Description : In this expertly crafted, richly detailed guide, Raymond Leslie Williams explores the cultural, political, and historical events that have shaped the Latin American and Caribbean novel since the end of World War II. In addition to works originally composed in English, Williams covers novels written in Spanish, Portuguese, French, Dutch, and Haitian Creole, and traces the profound influence of modernization, revolution, and democratization on the writing of this era. Beginning in 1945, Williams introduces major trends by region, including the Caribbean and U.S. Latino novel, the Mexican and Central American novel, the Andean novel, the Southern Cone novel, and the novel of Brazil. He discusses the rise of the modernist novel in the 1940s, led by Jorge Luis Borges's reaffirmation of the right of invention, and covers the advent of the postmodern generation of the 1990s in Brazil, the Generation of the "Crack" in Mexico, and the McOndo generation in other parts of Latin America. An alphabetical guide offers biographies of authors, coverage of major topics, and brief introductions to individual novels. It also addresses such areas as women's writing, Afro-Latin American writing, and magic realism.

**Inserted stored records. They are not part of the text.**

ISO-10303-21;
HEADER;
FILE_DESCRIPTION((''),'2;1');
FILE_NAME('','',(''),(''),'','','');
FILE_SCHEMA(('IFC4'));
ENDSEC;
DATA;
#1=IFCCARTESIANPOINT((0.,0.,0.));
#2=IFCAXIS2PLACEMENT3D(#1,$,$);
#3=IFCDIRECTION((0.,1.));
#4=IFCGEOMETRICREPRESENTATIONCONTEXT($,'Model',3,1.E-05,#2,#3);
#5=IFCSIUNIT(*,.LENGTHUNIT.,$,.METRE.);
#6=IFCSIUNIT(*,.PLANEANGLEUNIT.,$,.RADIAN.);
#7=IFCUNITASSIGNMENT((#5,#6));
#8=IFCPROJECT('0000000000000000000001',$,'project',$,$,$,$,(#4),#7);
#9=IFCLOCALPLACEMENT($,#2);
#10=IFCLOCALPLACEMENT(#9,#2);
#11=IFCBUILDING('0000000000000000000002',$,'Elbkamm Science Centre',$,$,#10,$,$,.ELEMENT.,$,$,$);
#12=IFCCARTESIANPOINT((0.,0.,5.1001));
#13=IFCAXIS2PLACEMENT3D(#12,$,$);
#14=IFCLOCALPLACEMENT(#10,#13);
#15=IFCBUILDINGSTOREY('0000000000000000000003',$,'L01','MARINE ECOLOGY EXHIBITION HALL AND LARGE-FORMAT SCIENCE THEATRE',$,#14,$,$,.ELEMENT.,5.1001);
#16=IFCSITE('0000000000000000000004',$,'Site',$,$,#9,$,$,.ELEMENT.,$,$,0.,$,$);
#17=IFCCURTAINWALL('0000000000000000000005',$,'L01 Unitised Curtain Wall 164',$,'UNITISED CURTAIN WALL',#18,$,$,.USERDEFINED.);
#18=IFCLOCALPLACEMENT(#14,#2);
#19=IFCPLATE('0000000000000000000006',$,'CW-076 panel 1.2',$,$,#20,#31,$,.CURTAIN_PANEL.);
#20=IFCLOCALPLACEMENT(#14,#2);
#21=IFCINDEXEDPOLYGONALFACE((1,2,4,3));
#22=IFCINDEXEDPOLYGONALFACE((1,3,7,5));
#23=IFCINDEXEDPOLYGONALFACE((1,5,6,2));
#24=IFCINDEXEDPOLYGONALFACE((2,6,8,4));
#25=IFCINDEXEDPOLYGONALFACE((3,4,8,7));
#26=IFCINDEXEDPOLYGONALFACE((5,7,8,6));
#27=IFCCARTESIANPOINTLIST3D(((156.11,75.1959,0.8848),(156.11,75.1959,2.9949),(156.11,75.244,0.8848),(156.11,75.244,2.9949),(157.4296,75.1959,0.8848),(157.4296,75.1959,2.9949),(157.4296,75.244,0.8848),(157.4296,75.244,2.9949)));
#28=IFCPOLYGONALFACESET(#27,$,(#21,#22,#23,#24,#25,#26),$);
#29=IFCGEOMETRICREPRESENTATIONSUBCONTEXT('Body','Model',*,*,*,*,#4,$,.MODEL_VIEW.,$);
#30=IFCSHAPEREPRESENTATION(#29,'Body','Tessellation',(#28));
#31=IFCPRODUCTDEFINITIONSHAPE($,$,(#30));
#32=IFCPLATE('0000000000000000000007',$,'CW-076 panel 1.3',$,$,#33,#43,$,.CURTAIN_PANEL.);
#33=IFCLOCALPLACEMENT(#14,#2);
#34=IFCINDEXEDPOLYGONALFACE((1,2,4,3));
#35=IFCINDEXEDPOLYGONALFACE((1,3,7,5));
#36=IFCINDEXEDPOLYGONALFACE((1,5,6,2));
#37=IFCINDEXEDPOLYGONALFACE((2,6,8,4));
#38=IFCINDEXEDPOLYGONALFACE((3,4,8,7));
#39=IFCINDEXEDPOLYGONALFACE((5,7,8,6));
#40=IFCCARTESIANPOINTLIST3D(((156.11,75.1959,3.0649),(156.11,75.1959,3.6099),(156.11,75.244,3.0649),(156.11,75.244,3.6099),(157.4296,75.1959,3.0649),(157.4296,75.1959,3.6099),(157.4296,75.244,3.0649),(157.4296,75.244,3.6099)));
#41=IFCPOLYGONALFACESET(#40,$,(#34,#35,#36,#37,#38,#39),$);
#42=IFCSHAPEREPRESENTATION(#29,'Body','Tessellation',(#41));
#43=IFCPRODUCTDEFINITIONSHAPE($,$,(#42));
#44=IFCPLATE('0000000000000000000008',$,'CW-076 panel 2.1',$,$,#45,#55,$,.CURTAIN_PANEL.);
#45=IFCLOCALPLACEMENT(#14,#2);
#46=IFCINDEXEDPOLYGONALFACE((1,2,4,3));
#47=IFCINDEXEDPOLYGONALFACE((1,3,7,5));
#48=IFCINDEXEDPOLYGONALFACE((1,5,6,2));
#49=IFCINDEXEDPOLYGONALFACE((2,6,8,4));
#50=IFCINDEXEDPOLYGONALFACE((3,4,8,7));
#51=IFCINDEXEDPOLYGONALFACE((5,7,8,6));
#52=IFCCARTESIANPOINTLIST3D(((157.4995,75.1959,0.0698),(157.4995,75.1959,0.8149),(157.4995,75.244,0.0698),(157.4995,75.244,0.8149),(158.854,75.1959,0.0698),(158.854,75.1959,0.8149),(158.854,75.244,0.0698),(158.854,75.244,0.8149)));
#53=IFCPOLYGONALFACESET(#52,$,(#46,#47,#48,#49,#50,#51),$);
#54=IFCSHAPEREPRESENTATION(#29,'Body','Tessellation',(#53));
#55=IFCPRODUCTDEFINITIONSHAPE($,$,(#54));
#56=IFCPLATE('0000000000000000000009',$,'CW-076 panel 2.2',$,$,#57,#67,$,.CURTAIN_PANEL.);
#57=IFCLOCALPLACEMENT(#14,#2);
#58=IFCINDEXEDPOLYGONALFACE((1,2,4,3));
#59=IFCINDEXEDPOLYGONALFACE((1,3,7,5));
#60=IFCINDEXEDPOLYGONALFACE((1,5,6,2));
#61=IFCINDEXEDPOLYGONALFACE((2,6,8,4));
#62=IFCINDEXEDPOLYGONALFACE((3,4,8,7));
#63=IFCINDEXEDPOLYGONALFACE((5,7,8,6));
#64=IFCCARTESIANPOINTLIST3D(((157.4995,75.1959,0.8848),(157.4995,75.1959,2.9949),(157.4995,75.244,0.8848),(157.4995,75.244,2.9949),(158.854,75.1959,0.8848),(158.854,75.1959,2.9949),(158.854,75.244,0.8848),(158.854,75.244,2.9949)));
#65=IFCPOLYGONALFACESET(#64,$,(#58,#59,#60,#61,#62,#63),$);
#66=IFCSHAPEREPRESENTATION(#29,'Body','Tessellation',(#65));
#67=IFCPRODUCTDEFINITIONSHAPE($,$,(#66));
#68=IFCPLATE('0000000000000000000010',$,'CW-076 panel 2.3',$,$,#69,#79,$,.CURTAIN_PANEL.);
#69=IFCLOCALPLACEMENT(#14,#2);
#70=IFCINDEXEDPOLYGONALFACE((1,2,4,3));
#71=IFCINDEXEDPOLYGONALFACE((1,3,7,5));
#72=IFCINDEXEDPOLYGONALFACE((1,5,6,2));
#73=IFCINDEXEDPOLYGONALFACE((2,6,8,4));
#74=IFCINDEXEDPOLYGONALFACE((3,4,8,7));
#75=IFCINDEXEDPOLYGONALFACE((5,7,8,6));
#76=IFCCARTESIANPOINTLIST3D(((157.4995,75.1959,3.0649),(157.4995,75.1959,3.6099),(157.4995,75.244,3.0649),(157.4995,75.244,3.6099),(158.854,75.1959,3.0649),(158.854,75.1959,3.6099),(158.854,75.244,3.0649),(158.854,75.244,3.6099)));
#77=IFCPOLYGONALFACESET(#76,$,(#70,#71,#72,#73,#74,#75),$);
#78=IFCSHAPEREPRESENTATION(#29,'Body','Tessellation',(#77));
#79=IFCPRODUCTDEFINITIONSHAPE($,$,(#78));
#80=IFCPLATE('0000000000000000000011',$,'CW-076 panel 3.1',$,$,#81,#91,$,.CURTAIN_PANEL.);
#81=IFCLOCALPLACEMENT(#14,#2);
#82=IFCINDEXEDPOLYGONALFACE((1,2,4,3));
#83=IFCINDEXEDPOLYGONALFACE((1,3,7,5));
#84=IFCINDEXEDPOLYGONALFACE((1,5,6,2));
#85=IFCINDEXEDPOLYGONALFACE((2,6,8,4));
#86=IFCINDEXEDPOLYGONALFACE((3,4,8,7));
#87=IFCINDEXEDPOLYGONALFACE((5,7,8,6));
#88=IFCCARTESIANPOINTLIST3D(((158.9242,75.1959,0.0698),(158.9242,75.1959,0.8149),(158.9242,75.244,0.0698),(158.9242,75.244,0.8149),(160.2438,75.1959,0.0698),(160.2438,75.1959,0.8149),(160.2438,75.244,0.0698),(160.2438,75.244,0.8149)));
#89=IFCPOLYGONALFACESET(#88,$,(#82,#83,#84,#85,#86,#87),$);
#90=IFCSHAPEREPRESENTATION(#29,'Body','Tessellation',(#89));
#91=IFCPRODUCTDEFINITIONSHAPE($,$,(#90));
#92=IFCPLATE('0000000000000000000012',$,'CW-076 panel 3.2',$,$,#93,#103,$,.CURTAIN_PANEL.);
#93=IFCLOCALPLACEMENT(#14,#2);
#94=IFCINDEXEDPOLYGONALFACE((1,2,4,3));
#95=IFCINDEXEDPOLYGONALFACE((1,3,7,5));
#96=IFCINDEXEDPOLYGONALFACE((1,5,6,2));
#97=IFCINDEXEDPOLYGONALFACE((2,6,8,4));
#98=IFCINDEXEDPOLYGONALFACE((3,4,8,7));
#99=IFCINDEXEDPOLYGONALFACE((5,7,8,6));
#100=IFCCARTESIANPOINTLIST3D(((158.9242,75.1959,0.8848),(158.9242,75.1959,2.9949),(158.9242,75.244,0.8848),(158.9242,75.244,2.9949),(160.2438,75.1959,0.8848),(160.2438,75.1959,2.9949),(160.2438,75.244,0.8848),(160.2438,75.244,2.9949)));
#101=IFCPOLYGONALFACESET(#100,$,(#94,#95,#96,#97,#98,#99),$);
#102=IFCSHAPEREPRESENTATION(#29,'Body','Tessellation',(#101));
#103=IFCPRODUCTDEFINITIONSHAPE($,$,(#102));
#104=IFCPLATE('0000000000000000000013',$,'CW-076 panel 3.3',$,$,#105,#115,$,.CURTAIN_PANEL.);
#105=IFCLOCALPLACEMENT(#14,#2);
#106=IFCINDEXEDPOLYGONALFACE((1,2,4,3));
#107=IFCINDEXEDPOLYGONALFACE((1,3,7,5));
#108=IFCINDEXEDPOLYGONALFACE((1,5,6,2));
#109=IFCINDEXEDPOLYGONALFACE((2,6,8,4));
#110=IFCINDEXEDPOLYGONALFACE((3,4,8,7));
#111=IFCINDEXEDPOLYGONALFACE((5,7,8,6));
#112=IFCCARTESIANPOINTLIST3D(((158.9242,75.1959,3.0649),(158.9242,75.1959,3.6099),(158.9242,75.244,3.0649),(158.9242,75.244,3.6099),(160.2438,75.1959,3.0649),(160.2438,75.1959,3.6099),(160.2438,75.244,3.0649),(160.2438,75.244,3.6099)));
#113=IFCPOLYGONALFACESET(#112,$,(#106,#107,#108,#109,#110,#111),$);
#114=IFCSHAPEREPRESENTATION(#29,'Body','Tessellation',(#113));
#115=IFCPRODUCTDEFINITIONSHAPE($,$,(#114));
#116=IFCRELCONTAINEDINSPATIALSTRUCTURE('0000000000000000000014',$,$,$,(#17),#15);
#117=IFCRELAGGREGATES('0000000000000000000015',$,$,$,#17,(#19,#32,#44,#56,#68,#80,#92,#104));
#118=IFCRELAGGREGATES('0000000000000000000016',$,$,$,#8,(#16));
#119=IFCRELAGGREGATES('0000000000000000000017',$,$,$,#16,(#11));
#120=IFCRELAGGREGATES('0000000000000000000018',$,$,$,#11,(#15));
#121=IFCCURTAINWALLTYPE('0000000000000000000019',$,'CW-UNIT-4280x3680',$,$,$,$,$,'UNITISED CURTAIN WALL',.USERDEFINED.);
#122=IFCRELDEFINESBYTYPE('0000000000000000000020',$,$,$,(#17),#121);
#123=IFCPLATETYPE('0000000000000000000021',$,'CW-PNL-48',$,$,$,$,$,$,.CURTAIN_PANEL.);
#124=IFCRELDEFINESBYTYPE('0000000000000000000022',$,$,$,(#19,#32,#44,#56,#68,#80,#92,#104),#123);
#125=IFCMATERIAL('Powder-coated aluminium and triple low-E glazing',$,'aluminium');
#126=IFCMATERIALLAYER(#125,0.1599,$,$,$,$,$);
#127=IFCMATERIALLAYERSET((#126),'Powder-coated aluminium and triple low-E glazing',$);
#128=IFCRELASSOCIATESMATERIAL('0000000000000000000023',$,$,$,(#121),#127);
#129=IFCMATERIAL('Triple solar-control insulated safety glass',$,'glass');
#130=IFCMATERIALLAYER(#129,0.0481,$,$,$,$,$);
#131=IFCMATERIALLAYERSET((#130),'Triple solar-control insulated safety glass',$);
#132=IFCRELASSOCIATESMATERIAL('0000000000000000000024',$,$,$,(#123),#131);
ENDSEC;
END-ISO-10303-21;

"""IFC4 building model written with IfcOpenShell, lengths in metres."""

from ifc_helpers import new_model, si_unit, direction, frame, origin, origin_2d, place, context, subcontext, project, spatial, rectangle, extrude, material, layer, layer_set, type_object, element, aggregate, save


model = new_model("IFC4")

# Units and contexts
model_context = context("Model", 3, precision=1e-05, world=origin(), true_north=direction((0.0, 1.0)))
body_context = subcontext(model_context, "Body", "Model", "MODEL_VIEW")
ifc_project = project(units=[si_unit("LENGTHUNIT", "METRE"), si_unit("PLANEANGLEUNIT", "RADIAN")], contexts=[model_context])

# Site, building, storey
site_placement = place(None, origin())
site = spatial("IfcSite", under=ifc_project, at=site_placement, Name="Site", CompositionType="ELEMENT", RefElevation=0.0)
building_placement = place(site_placement, origin())
building = spatial("IfcBuilding", under=site, at=building_placement, Name="Elbkamm Science Centre", CompositionType="ELEMENT")
storey_placement = place(building_placement, frame((0.0, 0.0, 5.1001)))
storey = spatial("IfcBuildingStorey", under=building, at=storey_placement, Name="L01", Description="MARINE ECOLOGY EXHIBITION HALL AND LARGE-FORMAT SCIENCE THEATRE", CompositionType="ELEMENT", Elevation=5.1001)

# Shared definitions
ifc_material_1 = material(Name="Powder-coated aluminium and triple low-E glazing", Category="aluminium")
ifc_layer_1 = layer(ifc_material_1, 0.1599)
ifc_layer_set_1 = layer_set([ifc_layer_1], Name="Powder-coated aluminium and triple low-E glazing")
curtain_wall_type = type_object("IfcCurtainWallType", Name="CW-UNIT-4280x3680", ElementType="UNITISED CURTAIN WALL", PredefinedType="USERDEFINED", material=ifc_layer_set_1)

# Curtain wall
curtain_wall_1_placement = place(storey_placement, origin())
curtain_wall_1 = element("IfcCurtainWall", 1, at=curtain_wall_1_placement, inside=storey, type_object=curtain_wall_type, Name="L01 Unitised Curtain Wall 164", ObjectType="UNITISED CURTAIN WALL", PredefinedType="USERDEFINED")

# Plates
ifc_material_2 = material(Name="Triple solar-control insulated safety glass", Category="glass")
ifc_layer_2 = layer(ifc_material_2, 0.0481)
ifc_layer_set_2 = layer_set([ifc_layer_2], Name="Triple solar-control insulated safety glass")
plate_type = type_object("IfcPlateType", Name="CW-PNL-48", PredefinedType="CURTAIN_PANEL", material=ifc_layer_set_2)
plate_1_placement = place(storey_placement, frame((156.7698, 75.22, 0.8848), z_axis=(0.0, 0.0, 1.0), x_axis=(1.0, 0.0, 0.0)))
plate_1 = element("IfcPlate", 2, at=plate_1_placement, type_object=plate_type, Name="CW-076 panel 1.2", PredefinedType="CURTAIN_PANEL", context=body_context, shape_type="SweptSolid", body=[
    extrude(rectangle(XDim=1.3196, YDim=0.0481, at=origin_2d()), origin(), (0.0, 0.0, 1.0), 2.1101),
])
plate_2_placement = place(storey_placement, frame((156.7698, 75.22, 3.0649), z_axis=(0.0, 0.0, 1.0), x_axis=(1.0, 0.0, 0.0)))
plate_2 = element("IfcPlate", 3, at=plate_2_placement, type_object=plate_type, Name="CW-076 panel 1.3", PredefinedType="CURTAIN_PANEL", context=body_context, shape_type="SweptSolid", body=[
    extrude(rectangle(XDim=1.3196, YDim=0.0481, at=origin_2d()), origin(), (0.0, 0.0, 1.0), 0.5449),
])
plate_3_placement = place(storey_placement, frame((158.1768, 75.22, 0.0698), z_axis=(0.0, 0.0, 1.0), x_axis=(1.0, 0.0, 0.0)))
plate_3 = element("IfcPlate", 4, at=plate_3_placement, type_object=plate_type, Name="CW-076 panel 2.1", PredefinedType="CURTAIN_PANEL", context=body_context, shape_type="SweptSolid", body=[
    extrude(rectangle(XDim=1.3545, YDim=0.0481, at=origin_2d()), origin(), (0.0, 0.0, 1.0), 0.7451),
])
plate_4_placement = place(storey_placement, frame((158.1768, 75.22, 0.8848), z_axis=(0.0, 0.0, 1.0), x_axis=(1.0, 0.0, 0.0)))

The guide's final section includes an annotated bibliography of introductory studies on the Latin American and Caribbean novel, national literary traditions, and the work of individual authors. From early attempts to synthesize postcolonial concerns with modernist aesthetics to the current focus on urban violence and globalization, The Columbia Guide to the Latin American Novel Since 1945 presents a comprehensive, accessible portrait of a thoroughly diverse and complex branch of world literature.